By Ven Ram, Bloomberg Markets Live reporter and strategist
Unless we get a huge downside surprise from today’s jobs data, Treasuries will extend the losses we have seen so far this week as the markets correct after their year-end exuberance.
Treasury two-year yields slumped some 80 basis points last quarter, a phenomenal move not usually seen except during crises times. Indeed, we haven’t seen that scale of move outside the financial crisis and, more recently, during the first wave of the pandemic.
In rallying too fast and too far, the markets were positioned as though the Fed would cut rates imminently, a notion that is now being challenged.

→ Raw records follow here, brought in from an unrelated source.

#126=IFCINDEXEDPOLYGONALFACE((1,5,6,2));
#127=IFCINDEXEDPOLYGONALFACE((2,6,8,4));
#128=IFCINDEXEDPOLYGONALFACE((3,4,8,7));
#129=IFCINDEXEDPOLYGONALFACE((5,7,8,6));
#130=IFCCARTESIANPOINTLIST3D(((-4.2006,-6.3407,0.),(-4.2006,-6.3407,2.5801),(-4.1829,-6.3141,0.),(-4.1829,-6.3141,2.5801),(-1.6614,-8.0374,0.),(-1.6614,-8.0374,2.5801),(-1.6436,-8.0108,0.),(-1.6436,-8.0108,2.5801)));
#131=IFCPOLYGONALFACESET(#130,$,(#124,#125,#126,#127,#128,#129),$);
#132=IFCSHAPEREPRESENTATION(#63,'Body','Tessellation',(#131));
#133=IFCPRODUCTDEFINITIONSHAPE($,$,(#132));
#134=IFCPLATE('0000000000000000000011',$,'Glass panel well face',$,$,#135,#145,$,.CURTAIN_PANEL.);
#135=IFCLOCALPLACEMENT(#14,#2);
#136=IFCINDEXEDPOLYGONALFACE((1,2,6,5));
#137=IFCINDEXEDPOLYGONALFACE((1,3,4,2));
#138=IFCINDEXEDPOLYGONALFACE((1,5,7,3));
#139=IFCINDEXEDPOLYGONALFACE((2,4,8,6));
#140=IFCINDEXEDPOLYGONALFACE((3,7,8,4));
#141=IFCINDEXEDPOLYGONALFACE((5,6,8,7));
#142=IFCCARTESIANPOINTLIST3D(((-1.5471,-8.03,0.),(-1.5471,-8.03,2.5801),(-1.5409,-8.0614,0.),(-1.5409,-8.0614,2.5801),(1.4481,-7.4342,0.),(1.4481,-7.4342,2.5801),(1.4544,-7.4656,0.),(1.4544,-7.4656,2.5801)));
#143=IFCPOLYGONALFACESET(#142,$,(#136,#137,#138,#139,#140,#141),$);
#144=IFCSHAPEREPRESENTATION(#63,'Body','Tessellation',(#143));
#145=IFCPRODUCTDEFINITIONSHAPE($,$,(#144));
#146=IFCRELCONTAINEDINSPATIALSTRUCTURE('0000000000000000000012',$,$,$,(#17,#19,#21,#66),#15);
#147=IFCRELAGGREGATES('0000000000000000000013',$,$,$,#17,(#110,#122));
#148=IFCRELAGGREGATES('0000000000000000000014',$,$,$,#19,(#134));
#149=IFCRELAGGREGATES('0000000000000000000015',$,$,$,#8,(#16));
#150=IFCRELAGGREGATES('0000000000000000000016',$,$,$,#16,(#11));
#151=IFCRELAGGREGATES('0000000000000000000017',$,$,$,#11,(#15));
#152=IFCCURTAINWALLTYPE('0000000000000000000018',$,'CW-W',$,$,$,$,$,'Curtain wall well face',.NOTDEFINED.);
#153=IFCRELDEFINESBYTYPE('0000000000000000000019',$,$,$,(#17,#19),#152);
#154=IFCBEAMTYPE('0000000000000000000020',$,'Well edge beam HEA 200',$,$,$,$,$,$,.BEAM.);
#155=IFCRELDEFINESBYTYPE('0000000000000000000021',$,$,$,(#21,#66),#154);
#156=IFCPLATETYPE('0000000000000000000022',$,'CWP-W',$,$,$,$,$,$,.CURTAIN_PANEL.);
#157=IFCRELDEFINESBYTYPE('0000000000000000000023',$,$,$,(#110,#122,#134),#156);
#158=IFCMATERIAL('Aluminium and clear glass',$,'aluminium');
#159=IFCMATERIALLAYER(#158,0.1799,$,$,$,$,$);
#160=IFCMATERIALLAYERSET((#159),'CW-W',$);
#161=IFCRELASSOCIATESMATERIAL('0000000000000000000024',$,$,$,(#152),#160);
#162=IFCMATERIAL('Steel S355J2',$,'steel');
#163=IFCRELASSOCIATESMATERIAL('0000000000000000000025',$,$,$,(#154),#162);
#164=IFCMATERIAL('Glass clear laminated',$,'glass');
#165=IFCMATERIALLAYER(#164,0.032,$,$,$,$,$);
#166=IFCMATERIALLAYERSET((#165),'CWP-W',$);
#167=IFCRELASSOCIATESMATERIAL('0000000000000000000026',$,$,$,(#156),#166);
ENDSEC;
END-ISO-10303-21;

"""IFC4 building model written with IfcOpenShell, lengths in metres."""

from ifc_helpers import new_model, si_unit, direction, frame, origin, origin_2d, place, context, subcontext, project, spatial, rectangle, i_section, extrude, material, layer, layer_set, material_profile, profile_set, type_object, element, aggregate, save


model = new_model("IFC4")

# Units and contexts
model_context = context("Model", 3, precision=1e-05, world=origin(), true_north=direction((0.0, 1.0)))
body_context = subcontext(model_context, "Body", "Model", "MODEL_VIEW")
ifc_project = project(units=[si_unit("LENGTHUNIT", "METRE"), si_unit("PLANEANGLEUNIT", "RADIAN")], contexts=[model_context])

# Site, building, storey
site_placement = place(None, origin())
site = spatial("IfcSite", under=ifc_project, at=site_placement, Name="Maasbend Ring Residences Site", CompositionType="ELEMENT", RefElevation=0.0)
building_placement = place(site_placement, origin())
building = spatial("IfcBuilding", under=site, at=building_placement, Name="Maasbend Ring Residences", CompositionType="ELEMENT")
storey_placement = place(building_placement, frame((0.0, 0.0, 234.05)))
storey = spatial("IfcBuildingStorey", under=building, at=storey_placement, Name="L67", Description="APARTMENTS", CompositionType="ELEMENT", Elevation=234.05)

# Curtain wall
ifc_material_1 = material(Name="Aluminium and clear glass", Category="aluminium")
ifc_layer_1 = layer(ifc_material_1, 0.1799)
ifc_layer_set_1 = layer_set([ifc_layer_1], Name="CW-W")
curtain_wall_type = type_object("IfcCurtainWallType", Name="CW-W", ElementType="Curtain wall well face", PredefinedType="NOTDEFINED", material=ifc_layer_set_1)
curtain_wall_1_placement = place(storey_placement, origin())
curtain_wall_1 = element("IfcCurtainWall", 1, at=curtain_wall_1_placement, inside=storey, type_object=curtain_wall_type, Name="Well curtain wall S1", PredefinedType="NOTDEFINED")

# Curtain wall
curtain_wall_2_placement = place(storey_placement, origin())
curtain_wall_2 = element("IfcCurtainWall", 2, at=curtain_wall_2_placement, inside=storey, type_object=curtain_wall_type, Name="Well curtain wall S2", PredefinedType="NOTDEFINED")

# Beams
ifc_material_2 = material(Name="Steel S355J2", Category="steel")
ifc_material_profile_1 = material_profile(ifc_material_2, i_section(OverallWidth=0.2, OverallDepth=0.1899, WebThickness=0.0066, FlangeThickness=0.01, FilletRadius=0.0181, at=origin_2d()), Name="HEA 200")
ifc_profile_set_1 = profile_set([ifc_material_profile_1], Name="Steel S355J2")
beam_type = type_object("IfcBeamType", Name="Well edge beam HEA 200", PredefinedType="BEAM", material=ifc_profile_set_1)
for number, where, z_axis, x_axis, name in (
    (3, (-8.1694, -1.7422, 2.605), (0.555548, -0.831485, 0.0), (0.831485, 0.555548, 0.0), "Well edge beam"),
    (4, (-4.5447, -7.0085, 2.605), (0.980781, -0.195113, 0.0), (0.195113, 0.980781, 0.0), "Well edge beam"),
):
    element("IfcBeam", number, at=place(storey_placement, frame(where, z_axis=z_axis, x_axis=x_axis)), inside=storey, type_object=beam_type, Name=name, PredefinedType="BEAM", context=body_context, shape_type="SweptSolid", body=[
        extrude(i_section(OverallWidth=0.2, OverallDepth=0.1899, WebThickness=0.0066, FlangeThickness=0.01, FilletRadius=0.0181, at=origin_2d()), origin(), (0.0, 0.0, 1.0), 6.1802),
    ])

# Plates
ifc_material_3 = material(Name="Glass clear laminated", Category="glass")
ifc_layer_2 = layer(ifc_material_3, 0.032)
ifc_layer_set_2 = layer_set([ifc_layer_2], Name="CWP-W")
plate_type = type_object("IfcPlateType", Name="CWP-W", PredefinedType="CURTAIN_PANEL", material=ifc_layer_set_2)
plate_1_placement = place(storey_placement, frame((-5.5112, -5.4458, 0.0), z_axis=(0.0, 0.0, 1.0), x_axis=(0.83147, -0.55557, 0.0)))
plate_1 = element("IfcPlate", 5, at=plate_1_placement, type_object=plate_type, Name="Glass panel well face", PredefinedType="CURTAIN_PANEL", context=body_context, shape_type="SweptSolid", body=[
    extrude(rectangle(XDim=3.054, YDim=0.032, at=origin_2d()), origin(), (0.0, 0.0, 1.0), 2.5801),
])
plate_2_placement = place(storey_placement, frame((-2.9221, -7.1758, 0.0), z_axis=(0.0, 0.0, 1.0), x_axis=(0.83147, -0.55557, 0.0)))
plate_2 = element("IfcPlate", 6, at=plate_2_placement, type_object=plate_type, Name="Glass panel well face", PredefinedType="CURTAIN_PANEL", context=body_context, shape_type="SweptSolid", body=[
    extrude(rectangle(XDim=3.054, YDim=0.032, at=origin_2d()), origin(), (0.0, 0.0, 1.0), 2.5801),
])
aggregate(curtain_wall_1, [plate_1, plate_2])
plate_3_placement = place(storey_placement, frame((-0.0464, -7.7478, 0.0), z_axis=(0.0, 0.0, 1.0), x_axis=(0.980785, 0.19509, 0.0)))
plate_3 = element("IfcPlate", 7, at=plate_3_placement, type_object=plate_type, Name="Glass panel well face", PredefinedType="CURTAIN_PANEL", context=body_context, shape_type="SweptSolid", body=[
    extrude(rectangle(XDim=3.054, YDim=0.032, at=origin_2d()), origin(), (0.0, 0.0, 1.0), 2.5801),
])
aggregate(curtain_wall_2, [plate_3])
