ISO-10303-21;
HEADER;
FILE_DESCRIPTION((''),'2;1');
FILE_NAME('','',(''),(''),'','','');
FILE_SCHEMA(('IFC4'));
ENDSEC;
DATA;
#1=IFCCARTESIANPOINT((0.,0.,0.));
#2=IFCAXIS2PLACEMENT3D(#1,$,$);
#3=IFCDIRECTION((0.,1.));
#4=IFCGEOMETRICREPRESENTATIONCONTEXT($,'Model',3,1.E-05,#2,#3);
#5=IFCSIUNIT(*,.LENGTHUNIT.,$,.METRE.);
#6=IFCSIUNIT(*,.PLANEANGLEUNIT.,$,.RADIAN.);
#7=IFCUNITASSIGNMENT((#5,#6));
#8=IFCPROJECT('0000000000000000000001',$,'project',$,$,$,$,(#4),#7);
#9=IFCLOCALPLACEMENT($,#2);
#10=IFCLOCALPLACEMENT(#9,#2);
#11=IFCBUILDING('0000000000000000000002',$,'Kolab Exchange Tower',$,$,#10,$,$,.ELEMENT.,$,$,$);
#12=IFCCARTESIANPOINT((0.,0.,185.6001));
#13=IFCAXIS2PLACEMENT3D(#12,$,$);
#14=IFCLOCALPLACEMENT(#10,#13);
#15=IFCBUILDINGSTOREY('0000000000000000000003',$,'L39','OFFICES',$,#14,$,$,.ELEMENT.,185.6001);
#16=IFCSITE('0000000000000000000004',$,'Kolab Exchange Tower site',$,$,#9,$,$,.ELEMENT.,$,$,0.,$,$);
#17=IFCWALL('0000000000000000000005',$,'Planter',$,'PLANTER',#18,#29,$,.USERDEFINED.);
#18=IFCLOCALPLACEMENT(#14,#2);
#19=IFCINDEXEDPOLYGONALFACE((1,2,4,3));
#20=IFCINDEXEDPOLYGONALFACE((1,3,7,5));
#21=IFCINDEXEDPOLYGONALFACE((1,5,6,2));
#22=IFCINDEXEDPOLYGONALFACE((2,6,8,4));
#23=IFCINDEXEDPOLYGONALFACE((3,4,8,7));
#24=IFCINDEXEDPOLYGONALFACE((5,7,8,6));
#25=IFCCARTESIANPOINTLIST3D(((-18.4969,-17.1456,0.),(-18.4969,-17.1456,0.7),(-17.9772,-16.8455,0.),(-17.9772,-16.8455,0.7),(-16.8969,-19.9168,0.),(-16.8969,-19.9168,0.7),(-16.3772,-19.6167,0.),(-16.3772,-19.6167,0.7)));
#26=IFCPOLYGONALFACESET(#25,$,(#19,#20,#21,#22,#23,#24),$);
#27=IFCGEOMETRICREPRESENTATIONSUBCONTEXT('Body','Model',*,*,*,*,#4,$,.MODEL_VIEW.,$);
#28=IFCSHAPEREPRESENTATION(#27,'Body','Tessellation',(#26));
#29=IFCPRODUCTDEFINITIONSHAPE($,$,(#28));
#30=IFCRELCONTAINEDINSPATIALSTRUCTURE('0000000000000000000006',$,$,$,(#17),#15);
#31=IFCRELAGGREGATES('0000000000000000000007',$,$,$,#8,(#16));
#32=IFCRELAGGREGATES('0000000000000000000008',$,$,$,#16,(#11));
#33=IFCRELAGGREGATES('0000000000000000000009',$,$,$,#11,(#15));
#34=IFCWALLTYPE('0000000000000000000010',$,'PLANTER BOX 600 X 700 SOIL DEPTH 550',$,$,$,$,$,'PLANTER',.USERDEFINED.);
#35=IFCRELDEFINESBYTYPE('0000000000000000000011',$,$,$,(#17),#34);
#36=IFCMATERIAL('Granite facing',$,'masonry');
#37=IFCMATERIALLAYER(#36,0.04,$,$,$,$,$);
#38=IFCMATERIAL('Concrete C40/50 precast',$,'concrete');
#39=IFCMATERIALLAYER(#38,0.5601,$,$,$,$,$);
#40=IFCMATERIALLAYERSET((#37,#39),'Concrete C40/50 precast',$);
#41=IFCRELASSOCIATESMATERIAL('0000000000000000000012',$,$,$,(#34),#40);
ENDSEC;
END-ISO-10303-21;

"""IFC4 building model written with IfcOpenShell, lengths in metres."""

from ifc_helpers import new_model, si_unit, direction, frame, frame_2d, origin, place, context, subcontext, project, spatial, rectangle, extrude, material, layer, layer_set, type_object, element, save


model = new_model("IFC4")

# Units and contexts
model_context = context("Model", 3, precision=1e-05, world=origin(), true_north=direction((0.0, 1.0)))
body_context = subcontext(model_context, "Body", "Model", "MODEL_VIEW")
ifc_project = project(units=[si_unit("LENGTHUNIT", "METRE"), si_unit("PLANEANGLEUNIT", "RADIAN")], contexts=[model_context])

# Site, building, storey
site_placement = place(None, origin())
site = spatial("IfcSite", under=ifc_project, at=site_placement, Name="Kolab Exchange Tower site", CompositionType="ELEMENT", RefElevation=0.0)
building_placement = place(site_placement, origin())
building = spatial("IfcBuilding", under=site, at=building_placement, Name="Kolab Exchange Tower", CompositionType="ELEMENT")
storey_placement = place(building_placement, frame((0.0, 0.0, 185.6001)))
storey = spatial("IfcBuildingStorey", under=building, at=storey_placement, Name="L39", Description="OFFICES", CompositionType="ELEMENT", Elevation=185.6001)

# Wall
ifc_material_1 = material(Name="Granite facing", Category="masonry")
ifc_layer_1 = layer(ifc_material_1, 0.04)
ifc_material_2 = material(Name="Concrete C40/50 precast", Category="concrete")
ifc_layer_2 = layer(ifc_material_2, 0.5601)
ifc_layer_set_1 = layer_set([ifc_layer_1, ifc_layer_2], Name="Concrete C40/50 precast")
wall_type_1 = type_object("IfcWallType", Name="PLANTER BOX 600 X 700 SOIL DEPTH 550", ElementType="PLANTER", PredefinedType="USERDEFINED", material=ifc_layer_set_1)
wall_1_placement = place(storey_placement, frame((-16.637, -19.7668, 0.0), z_axis=(0.0, 0.0, 1.0), x_axis=(-0.500028, 0.866009, 0.0)))
element("IfcWall", 1, at=wall_1_placement, inside=storey, type_object=wall_type_1, Name="Planter", ObjectType="PLANTER", PredefinedType="USERDEFINED", context=body_context, shape_type="SweptSolid", body=[
    extrude(rectangle(XDim=3.2, YDim=0.6001, at=frame_2d((1.6001, 0.0))), origin(), (0.0, 0.0, 1.0), 0.7),
])

save(model, "model.ifc")
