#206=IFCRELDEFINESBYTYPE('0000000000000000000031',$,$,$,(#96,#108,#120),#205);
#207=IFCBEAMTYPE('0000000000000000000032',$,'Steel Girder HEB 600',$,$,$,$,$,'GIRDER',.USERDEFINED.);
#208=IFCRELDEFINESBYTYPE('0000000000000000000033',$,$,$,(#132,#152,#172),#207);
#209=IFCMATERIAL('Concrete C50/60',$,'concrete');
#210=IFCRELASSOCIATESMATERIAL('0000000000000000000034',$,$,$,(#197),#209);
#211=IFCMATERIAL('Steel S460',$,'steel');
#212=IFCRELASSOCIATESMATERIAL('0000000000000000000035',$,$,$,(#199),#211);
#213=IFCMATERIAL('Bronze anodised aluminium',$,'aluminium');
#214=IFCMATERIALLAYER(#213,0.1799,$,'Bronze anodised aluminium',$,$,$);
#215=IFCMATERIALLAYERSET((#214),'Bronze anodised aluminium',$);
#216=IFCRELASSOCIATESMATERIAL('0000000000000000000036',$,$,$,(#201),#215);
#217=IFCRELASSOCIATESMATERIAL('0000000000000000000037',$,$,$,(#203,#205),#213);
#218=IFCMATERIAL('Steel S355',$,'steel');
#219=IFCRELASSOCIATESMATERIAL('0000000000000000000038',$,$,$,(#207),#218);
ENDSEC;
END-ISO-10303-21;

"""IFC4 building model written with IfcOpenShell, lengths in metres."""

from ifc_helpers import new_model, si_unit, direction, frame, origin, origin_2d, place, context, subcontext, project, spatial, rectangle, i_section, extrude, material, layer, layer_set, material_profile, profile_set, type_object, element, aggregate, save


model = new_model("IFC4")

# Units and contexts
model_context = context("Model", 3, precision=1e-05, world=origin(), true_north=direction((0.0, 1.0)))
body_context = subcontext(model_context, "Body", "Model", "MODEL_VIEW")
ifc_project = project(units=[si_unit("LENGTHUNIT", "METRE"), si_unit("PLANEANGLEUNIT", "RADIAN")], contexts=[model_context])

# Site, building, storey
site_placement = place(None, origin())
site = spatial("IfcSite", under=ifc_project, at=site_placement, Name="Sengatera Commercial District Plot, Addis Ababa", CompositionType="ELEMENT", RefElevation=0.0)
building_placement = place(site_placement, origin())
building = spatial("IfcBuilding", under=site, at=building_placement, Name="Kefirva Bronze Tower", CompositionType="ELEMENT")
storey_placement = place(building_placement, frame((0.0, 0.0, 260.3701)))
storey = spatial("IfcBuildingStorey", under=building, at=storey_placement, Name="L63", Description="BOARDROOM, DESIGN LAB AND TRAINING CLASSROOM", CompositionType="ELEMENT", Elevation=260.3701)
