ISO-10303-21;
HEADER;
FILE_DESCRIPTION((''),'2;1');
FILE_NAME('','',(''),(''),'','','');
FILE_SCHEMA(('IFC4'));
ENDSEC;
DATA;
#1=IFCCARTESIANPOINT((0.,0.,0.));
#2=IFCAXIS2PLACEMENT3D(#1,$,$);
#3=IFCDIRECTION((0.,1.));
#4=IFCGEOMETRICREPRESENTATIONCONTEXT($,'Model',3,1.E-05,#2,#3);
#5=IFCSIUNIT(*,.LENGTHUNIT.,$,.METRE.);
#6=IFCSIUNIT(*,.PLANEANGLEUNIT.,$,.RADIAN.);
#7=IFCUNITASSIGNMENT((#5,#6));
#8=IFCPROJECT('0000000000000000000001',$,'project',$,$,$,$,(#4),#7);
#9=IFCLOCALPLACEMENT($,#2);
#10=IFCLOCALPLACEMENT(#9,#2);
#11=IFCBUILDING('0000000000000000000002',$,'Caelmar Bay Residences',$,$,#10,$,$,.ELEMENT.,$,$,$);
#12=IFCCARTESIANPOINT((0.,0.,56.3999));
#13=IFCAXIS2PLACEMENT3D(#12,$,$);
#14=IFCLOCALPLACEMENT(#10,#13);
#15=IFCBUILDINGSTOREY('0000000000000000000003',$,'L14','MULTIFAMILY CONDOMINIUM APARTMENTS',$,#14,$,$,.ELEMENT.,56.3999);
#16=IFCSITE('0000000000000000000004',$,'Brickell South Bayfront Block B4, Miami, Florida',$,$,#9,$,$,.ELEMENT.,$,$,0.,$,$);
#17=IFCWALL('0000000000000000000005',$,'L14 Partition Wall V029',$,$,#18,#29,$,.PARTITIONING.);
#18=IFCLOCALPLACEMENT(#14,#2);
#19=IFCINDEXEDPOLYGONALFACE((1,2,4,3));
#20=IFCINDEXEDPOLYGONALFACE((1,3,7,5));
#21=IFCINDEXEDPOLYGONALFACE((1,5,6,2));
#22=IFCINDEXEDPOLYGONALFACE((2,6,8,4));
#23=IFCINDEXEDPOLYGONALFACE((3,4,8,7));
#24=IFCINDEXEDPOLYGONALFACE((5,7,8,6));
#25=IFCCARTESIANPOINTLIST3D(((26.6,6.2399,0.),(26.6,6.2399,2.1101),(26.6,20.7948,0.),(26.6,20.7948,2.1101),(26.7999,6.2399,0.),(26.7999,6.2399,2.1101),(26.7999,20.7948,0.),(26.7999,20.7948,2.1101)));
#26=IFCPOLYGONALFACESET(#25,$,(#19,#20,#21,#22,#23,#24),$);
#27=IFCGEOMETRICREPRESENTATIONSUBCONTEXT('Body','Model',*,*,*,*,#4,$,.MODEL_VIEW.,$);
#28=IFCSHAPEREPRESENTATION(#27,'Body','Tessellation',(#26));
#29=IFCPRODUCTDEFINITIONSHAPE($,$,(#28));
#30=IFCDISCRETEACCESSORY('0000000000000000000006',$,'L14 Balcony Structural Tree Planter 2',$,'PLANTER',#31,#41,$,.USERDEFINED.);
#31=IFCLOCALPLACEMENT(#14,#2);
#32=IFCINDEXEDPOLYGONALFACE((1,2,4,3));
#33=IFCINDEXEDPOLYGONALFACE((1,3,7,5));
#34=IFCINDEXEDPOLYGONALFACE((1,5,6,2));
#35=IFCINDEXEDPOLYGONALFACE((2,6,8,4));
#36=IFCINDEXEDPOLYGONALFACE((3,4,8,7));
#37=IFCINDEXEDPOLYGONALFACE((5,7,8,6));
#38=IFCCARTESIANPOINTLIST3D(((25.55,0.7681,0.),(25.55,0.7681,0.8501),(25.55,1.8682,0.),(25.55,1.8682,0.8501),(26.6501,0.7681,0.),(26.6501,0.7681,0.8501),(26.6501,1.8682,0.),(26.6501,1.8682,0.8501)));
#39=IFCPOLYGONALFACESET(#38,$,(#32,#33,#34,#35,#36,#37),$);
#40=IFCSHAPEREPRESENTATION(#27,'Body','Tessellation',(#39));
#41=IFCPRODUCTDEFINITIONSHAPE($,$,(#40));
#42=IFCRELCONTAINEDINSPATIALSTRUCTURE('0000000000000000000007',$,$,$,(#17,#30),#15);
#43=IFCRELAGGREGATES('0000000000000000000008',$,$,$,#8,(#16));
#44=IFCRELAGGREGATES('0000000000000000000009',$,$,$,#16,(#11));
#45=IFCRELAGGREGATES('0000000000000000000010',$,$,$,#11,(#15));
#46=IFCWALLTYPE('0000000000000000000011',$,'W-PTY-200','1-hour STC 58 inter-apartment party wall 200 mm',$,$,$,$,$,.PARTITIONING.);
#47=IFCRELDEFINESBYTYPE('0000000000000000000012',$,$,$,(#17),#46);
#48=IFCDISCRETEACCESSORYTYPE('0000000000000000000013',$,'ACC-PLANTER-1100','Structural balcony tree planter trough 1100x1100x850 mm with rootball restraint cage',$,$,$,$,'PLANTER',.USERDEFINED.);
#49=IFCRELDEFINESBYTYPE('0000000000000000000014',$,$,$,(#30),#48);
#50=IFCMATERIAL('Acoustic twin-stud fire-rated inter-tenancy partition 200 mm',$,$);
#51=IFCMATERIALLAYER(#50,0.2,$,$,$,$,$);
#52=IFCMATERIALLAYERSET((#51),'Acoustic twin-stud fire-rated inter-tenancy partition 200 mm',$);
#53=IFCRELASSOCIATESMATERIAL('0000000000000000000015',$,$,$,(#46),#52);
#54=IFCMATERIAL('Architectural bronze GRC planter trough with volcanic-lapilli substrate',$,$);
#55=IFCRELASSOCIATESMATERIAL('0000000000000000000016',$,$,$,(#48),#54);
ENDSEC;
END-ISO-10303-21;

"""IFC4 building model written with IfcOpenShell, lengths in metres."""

from ifc_helpers import new_model, si_unit, direction, frame, frame_2d, origin, origin_2d, place, context, subcontext, project, spatial, rectangle, extrude, material, layer, layer_set, type_object, element, save


model = new_model("IFC4")

# Units and contexts
model_context = context("Model", 3, precision=1e-05, world=origin(), true_north=direction((0.0, 1.0)))
body_context = subcontext(model_context, "Body", "Model", "MODEL_VIEW")
ifc_project = project(units=[si_unit("LENGTHUNIT", "METRE"), si_unit("PLANEANGLEUNIT", "RADIAN")], contexts=[model_context])

# Site, building, storey
site_placement = place(None, origin())
site = spatial("IfcSite", under=ifc_project, at=site_placement, Name="Brickell South Bayfront Block B4, Miami, Florida", CompositionType="ELEMENT", RefElevation=0.0)
building_placement = place(site_placement, origin())
building = spatial("IfcBuilding", under=site, at=building_placement, Name="Caelmar Bay Residences", CompositionType="ELEMENT")
storey_placement = place(building_placement, frame((0.0, 0.0, 56.3999)))
storey = spatial("IfcBuildingStorey", under=building, at=storey_placement, Name="L14", Description="MULTIFAMILY CONDOMINIUM APARTMENTS", CompositionType="ELEMENT", Elevation=56.3999)

# Wall
ifc_material_1 = material(Name="Acoustic twin-stud fire-rated inter-tenancy partition 200 mm")
ifc_layer_1 = layer(ifc_material_1, 0.2)
ifc_layer_set_1 = layer_set([ifc_layer_1], Name="Acoustic twin-stud fire-rated inter-tenancy partition 200 mm")
wall_type_1 = type_object("IfcWallType", Name="W-PTY-200", Description="1-hour STC 58 inter-apartment party wall 200 mm", PredefinedType="PARTITIONING", material=ifc_layer_set_1)
wall_1_placement = place(storey_placement, frame((26.7, 6.24, 0.0), z_axis=(0.0, 0.0, 1.0), x_axis=(0.0, 1.0, 0.0)))
element("IfcWall", 1, at=wall_1_placement, inside=storey, type_object=wall_type_1, Name="L14 Partition Wall V029", PredefinedType="PARTITIONING", context=body_context, shape_type="SweptSolid", body=[
    extrude(rectangle(XDim=14.5549, YDim=0.2, at=frame_2d((7.2773, 0.0))), origin(), (0.0, 0.0, 1.0), 2.1101),
])

# Discrete accessory
ifc_material_2 = material(Name="Architectural bronze GRC planter trough with volcanic-lapilli substrate")
discrete_accessory_type = type_object("IfcDiscreteAccessoryType", Name="ACC-PLANTER-1100", Description="Structural balcony tree planter trough 1100x1100x850 mm with rootball restraint cage", ElementType="PLANTER", PredefinedType="USERDEFINED", material=ifc_material_2)
discrete_accessory_placement = place(storey_placement, frame((26.1001, 1.3181, 0.0), z_axis=(0.0, 0.0, 1.0), x_axis=(1.0, 0.0, 0.0)))
element("IfcDiscreteAccessory", 2, at=discrete_accessory_placement, inside=storey, type_object=discrete_accessory_type, Name="L14 Balcony Structural Tree Planter 2", ObjectType="PLANTER", PredefinedType="USERDEFINED", context=body_context, shape_type="SweptSolid", body=[
    extrude(rectangle(XDim=1.1001, YDim=1.1001, at=origin_2d()), origin(), (0.0, 0.0, 1.0), 0.8501),
])

save(model, "model.ifc")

The correction we have seen so far has been rather mild, meaning there is more to come, with the jobs data providing another excuse for yields to head higher.
The headline number is forecast to show another decent print, with some 175k jobs being added in December. It matters little from the Fed’s perspective if the number bobs around that estimate so long as employers are still expanding their payrolls.
It is far more significant what the jobless rate does, and so far in this cycle, we have seen that number just move feebly around the expected number of 3.8%.
Given how strong the expansion has been since the pandemic, we need a number higher than 4% to clear the market — a state where demand and supply are in equilibrium.
Sticky wage inflation also matters a whole lot and then some in today’s numbers.
Employees’ average hourly earnings is forecast to have slowed by a notch to 3.9% from a year earlier.
Even though a lower number would be welcomed by the Fed, an outcome that is in line with the median estimate would be incompatible with its inflation target.
Unless we see a materially higher-than-forecast jobless rate or a much weaker-than-expected hourly earnings number, Treasuries will extend their losses.